A tubular adenoma is a growth that forms in the lining of the colon or rectum. It develops from glandular cells that normally produce mucus to help move stool through the intestines.

There are different types of colon polyps, but tubular adenomas are the most common type of adenomatous polyp. Adenomatous polyps are important because they have the potential to turn into cancer.

Here's what makes tubular adenomas distinct:

  • They have a tube-like gland structure under the microscope.
  • They usually grow slowly.
  • Most are small (less than 1 cm).
  • The majority do not become cancer — especially when found early.

However, without removal, some tubular adenomas can progress over years.


Why Does the Colon Grow Tubular Adenomas?

Colon polyps form when cells in the lining of the colon begin dividing more rapidly than they should. This happens due to changes (mutations) in the DNA of those cells.

Several medically recognized factors increase the risk:

1. Age

  • Risk rises significantly after age 45–50.
  • Most tubular adenomas are found during screening colonoscopies in adults over 50.

2. Family History

  • A family history of colorectal cancer or adenomatous polyps increases risk.
  • Certain inherited conditions (like familial adenomatous polyposis) cause multiple polyps.

3. Diet

Research links higher risk to:

  • Diets high in red or processed meats
  • Low fiber intake
  • Low fruit and vegetable consumption

4. Lifestyle Factors

  • Smoking
  • Heavy alcohol use
  • Obesity
  • Physical inactivity

5. Chronic Inflammation

  • Conditions like ulcerative colitis or Crohn's disease affecting the colon increase risk.

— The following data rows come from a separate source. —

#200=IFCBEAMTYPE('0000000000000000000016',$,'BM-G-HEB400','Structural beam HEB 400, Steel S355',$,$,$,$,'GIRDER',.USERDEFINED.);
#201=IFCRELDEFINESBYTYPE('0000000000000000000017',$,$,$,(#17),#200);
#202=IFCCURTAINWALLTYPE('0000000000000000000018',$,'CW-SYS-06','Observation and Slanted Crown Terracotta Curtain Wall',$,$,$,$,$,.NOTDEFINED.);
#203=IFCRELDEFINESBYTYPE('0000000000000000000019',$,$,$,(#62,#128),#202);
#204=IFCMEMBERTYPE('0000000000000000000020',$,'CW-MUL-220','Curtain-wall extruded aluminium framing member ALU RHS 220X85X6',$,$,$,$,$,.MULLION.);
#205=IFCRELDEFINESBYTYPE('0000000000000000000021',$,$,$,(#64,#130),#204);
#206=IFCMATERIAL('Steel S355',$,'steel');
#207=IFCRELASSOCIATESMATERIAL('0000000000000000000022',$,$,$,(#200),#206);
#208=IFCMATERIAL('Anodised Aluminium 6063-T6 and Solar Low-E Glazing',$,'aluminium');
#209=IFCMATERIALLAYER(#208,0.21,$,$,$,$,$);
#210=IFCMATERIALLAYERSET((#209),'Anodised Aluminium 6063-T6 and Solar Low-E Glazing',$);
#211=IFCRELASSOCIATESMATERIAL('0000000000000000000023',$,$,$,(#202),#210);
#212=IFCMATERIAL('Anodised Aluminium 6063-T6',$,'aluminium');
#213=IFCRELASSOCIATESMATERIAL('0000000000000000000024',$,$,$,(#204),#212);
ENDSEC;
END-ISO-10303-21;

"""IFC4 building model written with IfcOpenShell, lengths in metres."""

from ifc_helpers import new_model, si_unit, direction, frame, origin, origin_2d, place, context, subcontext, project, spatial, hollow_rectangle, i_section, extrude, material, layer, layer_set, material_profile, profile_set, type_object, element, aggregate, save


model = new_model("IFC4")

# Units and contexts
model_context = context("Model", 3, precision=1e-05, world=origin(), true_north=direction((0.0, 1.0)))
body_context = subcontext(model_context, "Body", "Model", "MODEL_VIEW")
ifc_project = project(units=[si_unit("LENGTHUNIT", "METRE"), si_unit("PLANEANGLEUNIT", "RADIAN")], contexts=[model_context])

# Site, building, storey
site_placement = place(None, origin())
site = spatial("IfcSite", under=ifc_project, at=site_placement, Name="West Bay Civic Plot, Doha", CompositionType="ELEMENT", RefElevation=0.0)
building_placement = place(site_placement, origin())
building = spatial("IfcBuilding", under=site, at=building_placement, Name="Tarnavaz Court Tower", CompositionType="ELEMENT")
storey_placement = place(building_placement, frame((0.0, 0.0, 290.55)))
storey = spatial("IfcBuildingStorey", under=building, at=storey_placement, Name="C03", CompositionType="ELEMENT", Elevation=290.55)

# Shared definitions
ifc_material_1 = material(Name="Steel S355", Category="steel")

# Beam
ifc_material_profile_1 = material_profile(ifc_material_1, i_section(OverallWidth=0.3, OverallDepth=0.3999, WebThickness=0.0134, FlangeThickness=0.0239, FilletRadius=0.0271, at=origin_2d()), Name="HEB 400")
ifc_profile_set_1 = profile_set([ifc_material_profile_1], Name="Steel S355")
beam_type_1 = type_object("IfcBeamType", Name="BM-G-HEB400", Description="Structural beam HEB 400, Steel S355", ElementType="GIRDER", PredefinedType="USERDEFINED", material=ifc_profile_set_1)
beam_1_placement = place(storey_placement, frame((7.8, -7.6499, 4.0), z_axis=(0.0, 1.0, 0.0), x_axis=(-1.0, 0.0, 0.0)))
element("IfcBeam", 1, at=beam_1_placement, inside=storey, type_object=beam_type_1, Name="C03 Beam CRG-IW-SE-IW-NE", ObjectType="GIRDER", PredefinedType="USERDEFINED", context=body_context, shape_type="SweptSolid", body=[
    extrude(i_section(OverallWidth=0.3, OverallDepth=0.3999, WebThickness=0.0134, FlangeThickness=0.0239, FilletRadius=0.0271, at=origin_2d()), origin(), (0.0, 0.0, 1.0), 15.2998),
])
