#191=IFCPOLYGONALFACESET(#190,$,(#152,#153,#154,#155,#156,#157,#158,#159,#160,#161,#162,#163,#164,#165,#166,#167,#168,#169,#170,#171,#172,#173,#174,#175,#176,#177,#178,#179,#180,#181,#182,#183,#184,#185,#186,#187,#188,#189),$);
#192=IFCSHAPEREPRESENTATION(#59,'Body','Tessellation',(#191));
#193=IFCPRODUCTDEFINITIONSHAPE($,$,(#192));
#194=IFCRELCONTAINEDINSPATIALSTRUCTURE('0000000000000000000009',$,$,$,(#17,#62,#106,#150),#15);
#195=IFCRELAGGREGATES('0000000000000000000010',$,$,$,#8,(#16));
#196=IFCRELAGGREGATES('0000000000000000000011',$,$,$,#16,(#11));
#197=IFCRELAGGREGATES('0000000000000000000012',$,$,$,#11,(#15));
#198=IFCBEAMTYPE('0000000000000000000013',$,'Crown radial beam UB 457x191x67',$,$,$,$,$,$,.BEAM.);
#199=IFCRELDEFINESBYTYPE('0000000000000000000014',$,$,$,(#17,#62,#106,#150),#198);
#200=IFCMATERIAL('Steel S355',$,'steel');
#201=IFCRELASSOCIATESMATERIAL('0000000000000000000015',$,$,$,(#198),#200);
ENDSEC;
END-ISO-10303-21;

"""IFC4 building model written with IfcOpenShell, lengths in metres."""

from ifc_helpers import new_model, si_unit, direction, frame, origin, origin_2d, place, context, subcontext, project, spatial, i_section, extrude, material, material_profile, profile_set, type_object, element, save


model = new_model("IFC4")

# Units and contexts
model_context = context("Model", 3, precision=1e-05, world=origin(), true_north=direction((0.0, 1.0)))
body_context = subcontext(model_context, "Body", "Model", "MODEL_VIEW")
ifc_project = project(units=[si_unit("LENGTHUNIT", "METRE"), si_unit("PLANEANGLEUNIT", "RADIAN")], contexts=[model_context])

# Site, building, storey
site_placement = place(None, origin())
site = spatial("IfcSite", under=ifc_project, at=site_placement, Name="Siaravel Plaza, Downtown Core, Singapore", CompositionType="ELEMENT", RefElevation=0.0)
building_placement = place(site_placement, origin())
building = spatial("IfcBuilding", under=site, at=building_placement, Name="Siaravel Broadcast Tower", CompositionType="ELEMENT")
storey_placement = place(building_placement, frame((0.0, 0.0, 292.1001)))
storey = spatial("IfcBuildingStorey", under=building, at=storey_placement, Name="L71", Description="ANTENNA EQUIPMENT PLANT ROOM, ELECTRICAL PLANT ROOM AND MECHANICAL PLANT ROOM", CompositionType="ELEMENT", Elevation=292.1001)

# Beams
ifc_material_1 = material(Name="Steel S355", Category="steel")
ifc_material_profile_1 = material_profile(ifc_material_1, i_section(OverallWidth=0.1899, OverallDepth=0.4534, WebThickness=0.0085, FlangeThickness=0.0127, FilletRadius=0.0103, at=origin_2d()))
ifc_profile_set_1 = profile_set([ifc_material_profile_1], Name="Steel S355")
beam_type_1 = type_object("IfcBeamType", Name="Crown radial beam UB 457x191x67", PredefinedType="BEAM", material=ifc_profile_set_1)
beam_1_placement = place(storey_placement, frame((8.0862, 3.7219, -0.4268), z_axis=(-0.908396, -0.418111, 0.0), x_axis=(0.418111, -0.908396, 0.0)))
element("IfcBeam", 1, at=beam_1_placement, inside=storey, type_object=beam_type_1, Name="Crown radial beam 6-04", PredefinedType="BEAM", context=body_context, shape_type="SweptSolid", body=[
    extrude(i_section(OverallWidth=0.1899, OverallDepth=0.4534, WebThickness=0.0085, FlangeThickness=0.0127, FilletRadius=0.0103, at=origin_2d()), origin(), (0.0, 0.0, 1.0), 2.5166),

Are Tubular Adenomas Dangerous?

A tubular adenoma is not cancer, but it is considered a precancerous lesion.

Here's the important part:

  • Small tubular adenomas have a low risk of becoming cancer.
  • Larger polyps (over 1 cm) carry a higher risk.
  • Polyps with "high-grade dysplasia" (more abnormal cells) have a greater chance of progressing.
  • Risk increases if there are multiple polyps.

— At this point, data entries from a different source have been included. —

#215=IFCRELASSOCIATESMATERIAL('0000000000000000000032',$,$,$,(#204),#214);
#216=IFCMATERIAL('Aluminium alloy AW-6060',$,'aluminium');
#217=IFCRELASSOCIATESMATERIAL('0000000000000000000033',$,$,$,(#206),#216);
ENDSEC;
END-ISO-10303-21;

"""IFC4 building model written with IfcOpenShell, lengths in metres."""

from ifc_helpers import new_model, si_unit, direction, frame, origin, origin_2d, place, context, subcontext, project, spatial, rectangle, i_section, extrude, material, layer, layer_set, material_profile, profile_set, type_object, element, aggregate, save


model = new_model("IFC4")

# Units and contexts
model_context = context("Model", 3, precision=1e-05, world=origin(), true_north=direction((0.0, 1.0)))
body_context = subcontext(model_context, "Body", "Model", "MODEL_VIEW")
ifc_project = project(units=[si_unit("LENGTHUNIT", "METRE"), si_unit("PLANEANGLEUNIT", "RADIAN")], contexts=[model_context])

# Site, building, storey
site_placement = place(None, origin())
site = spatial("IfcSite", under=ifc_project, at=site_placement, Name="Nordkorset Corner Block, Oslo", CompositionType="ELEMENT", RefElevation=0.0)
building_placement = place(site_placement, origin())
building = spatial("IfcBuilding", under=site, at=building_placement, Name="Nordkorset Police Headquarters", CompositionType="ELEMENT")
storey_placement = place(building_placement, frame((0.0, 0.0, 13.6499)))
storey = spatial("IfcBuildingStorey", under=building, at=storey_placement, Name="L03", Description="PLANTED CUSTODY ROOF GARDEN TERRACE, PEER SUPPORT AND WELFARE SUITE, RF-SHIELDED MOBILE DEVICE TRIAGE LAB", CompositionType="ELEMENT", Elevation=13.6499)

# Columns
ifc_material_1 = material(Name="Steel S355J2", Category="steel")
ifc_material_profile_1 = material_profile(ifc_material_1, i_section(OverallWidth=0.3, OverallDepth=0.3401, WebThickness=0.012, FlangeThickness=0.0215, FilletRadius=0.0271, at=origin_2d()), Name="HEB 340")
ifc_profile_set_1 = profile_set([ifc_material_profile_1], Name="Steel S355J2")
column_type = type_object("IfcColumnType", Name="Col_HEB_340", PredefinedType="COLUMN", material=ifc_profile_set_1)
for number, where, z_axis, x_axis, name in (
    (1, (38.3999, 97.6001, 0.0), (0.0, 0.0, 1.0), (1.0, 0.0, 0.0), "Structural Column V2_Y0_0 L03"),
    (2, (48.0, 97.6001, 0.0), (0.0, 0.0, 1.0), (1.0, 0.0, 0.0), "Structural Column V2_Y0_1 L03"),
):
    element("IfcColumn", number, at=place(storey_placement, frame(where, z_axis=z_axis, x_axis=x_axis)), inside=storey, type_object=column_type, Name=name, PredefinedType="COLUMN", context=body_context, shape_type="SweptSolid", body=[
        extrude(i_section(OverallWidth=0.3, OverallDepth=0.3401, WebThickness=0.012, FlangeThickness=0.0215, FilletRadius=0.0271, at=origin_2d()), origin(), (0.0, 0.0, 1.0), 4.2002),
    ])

The good news is that colorectal cancer typically develops slowly — over 7 to 10 years. This gives doctors a wide window to detect and remove tubular adenomas before they become dangerous.

When found during colonoscopy, they are usually removed immediately. Once removed completely, that specific polyp is no longer a threat.

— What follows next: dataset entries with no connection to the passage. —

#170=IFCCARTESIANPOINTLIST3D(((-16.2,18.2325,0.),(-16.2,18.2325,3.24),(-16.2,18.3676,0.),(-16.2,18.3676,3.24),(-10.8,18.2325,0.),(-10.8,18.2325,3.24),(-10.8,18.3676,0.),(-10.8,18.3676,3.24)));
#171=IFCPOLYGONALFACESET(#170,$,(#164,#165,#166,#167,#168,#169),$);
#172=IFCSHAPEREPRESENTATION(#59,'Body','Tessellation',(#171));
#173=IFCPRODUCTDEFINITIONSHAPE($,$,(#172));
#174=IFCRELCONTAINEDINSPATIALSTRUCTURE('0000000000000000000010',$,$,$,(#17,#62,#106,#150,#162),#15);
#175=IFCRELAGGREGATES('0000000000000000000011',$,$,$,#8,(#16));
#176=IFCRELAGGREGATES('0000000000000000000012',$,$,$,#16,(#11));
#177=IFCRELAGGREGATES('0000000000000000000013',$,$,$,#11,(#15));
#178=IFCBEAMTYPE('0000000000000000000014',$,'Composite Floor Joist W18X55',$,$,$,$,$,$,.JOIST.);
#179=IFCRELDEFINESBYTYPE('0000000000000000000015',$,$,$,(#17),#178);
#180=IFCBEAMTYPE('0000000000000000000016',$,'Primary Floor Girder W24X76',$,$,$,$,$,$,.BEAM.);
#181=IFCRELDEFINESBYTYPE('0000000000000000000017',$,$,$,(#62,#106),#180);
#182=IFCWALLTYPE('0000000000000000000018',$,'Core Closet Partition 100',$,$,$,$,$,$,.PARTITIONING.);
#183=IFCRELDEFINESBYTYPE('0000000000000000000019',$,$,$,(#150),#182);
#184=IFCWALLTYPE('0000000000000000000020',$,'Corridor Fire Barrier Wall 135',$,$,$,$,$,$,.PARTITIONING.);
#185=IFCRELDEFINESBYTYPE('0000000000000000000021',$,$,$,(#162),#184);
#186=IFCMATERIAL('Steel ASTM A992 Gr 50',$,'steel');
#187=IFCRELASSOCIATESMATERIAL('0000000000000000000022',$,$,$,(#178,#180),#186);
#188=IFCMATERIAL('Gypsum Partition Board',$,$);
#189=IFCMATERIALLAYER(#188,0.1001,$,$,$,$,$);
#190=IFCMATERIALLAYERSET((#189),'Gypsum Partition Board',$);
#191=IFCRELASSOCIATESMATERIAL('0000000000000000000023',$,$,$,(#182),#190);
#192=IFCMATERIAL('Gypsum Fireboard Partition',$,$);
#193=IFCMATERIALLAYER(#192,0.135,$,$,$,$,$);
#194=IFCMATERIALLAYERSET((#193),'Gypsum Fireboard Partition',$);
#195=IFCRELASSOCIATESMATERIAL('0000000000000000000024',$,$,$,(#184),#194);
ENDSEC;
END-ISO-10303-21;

Symptoms of Tubular Adenoma

Most people have no symptoms.

That's why screening is so important.

However, possible signs (especially with larger polyps) can include:

  • Rectal bleeding
  • Blood in stool
  • Change in bowel habits
  • Persistent constipation or diarrhea
  • Unexplained anemia
  • Abdominal discomfort

Keep in mind: these symptoms are not specific to tubular adenoma and can be caused by many other conditions.

If you're experiencing any of these symptoms or have concerns about your risk, you can use Ubie's free AI-powered Colonic Polyp symptom checker to get personalized insights before your doctor's appointment.


How Is Tubular Adenoma Diagnosed?

The gold standard test is a colonoscopy.

During the procedure:

  • A flexible camera examines the entire colon.
  • Any polyps found are removed (polypectomy).
  • The tissue is sent to a lab for microscopic analysis.
  • The pathologist determines if it is a tubular adenoma and whether dysplasia is present.

Other screening tools may include:

  • Stool-based tests (FIT or stool DNA tests)
  • CT colonography

However, only colonoscopy allows both detection and removal at the same time.


What Happens After a Tubular Adenoma Is Removed?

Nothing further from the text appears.